2026-04-14 04:38:28 +10:00 · 2025-06-12 08:58:07 +08:00
parent e65b78d1e4
commit ea190ca428
11 changed files with 181 additions and 69 deletions
--- a/docs/configuration/route/rule_action.md
+++ b/docs/configuration/route/rule_action.md
@@ -172,14 +172,12 @@ and should not be used to circumvent real censorship.
 Due to poor performance, try `tls_record_fragment` first, and only apply to server names known to be blocked.

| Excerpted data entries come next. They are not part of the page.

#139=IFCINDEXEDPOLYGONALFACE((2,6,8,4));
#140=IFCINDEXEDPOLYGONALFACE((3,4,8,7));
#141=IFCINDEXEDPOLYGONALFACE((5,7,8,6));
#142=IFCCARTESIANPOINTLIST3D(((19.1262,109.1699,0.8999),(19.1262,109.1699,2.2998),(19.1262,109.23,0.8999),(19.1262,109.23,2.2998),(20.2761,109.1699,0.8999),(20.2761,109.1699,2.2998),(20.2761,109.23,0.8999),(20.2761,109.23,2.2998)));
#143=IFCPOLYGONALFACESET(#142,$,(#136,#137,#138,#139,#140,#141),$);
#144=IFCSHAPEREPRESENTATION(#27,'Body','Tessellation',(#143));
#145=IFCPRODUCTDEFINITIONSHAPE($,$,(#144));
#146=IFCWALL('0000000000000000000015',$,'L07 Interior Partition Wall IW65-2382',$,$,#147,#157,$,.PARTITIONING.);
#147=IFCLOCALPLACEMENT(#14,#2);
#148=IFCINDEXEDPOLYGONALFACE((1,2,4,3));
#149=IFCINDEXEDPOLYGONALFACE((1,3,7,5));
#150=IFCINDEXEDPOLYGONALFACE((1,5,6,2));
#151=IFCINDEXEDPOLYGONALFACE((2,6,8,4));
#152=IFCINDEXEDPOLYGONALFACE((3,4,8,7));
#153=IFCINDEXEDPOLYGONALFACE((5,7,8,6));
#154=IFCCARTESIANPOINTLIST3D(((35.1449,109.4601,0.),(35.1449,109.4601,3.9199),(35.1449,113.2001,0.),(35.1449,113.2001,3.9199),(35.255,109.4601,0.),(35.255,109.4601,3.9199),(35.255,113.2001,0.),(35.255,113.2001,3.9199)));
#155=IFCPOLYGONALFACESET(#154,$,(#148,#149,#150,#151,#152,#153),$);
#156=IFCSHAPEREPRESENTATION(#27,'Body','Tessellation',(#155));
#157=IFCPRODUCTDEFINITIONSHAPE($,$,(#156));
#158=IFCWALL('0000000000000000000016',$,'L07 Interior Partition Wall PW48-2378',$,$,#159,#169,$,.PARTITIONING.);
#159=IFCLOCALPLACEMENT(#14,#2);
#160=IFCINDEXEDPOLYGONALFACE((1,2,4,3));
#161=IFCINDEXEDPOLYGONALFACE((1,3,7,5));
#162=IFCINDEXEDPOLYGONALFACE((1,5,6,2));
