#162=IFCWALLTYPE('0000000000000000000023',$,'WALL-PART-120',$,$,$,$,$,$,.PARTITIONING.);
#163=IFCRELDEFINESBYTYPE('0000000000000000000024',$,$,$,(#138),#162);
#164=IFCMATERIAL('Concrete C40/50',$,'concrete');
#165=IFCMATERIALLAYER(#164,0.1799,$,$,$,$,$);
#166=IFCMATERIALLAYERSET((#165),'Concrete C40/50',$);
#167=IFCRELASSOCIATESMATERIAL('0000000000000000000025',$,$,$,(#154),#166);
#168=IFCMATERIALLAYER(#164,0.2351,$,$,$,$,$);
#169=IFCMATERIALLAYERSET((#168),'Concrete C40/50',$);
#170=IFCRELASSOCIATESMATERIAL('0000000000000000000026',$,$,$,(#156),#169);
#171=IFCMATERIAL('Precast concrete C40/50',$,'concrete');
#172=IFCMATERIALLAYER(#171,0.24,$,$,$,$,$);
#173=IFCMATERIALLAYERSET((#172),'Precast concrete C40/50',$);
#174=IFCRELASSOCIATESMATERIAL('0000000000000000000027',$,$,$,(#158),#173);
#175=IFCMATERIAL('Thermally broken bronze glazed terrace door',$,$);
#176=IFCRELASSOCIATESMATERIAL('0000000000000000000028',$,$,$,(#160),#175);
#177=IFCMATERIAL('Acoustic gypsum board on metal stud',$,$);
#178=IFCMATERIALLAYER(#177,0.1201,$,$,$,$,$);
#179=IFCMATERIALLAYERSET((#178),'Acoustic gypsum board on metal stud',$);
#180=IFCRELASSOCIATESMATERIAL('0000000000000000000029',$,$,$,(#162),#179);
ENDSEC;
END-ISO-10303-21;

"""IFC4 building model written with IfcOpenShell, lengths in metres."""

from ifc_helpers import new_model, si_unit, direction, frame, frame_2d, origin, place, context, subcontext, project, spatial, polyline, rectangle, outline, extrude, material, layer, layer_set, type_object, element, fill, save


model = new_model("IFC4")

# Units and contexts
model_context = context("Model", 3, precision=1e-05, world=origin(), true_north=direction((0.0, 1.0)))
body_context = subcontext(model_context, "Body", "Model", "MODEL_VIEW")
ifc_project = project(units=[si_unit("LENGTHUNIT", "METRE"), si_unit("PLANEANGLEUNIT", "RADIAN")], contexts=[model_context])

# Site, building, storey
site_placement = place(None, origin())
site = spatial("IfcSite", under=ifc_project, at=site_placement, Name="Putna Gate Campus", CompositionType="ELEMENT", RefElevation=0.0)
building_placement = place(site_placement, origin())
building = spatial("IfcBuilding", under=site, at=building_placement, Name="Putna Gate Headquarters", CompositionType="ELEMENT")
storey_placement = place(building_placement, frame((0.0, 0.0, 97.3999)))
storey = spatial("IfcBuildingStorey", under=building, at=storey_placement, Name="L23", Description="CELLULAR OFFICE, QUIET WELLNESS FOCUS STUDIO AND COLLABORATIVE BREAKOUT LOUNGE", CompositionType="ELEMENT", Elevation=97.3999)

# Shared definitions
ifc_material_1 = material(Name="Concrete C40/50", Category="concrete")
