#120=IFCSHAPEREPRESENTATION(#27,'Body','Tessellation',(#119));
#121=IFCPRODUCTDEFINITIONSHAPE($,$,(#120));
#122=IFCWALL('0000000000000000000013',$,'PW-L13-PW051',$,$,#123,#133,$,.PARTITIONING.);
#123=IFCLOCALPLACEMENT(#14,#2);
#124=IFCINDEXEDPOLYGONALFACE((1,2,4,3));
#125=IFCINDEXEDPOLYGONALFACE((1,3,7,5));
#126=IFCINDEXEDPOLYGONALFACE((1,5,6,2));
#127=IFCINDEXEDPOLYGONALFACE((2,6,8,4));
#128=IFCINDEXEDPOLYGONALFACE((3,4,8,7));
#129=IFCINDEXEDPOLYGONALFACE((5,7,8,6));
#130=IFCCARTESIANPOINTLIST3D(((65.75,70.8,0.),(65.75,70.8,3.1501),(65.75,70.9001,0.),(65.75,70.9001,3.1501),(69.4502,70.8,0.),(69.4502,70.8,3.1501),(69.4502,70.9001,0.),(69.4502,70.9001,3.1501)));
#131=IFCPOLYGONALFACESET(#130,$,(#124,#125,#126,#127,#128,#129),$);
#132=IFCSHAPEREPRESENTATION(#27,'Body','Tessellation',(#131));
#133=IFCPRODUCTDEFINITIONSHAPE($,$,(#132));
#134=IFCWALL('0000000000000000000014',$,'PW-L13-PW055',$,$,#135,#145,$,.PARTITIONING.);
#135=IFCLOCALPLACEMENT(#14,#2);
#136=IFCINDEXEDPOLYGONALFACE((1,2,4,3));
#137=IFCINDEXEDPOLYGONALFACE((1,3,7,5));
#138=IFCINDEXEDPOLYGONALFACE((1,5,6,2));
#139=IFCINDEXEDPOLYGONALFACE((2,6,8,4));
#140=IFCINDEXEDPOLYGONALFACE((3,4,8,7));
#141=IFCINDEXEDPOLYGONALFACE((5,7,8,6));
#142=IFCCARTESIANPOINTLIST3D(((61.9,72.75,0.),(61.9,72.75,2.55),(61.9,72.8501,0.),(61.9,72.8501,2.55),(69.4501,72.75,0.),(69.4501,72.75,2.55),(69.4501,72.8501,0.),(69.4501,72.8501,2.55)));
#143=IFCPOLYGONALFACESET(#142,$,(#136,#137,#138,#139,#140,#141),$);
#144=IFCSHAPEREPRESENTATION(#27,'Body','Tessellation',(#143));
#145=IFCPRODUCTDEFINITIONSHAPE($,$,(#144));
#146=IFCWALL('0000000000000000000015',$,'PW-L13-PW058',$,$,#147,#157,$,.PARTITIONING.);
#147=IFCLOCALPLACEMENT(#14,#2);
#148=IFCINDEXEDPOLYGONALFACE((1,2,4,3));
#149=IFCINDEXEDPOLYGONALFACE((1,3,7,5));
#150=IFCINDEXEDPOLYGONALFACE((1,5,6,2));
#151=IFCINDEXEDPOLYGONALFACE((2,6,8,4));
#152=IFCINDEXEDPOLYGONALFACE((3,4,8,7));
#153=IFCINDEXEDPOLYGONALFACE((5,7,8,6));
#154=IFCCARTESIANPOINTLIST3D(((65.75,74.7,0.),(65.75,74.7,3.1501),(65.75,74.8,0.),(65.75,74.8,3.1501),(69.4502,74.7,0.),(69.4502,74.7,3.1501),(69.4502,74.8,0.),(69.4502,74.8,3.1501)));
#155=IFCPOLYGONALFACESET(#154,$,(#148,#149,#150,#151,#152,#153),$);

 On Linux, Apple platforms, (administrator privileges required) Windows,
-the wait time can be automatically detected, otherwise it will fall back to
+the wait time can be automatically detected. Otherwise, it will fall back to
 waiting for a fixed time specified by `tls_fragment_fallback_delay`.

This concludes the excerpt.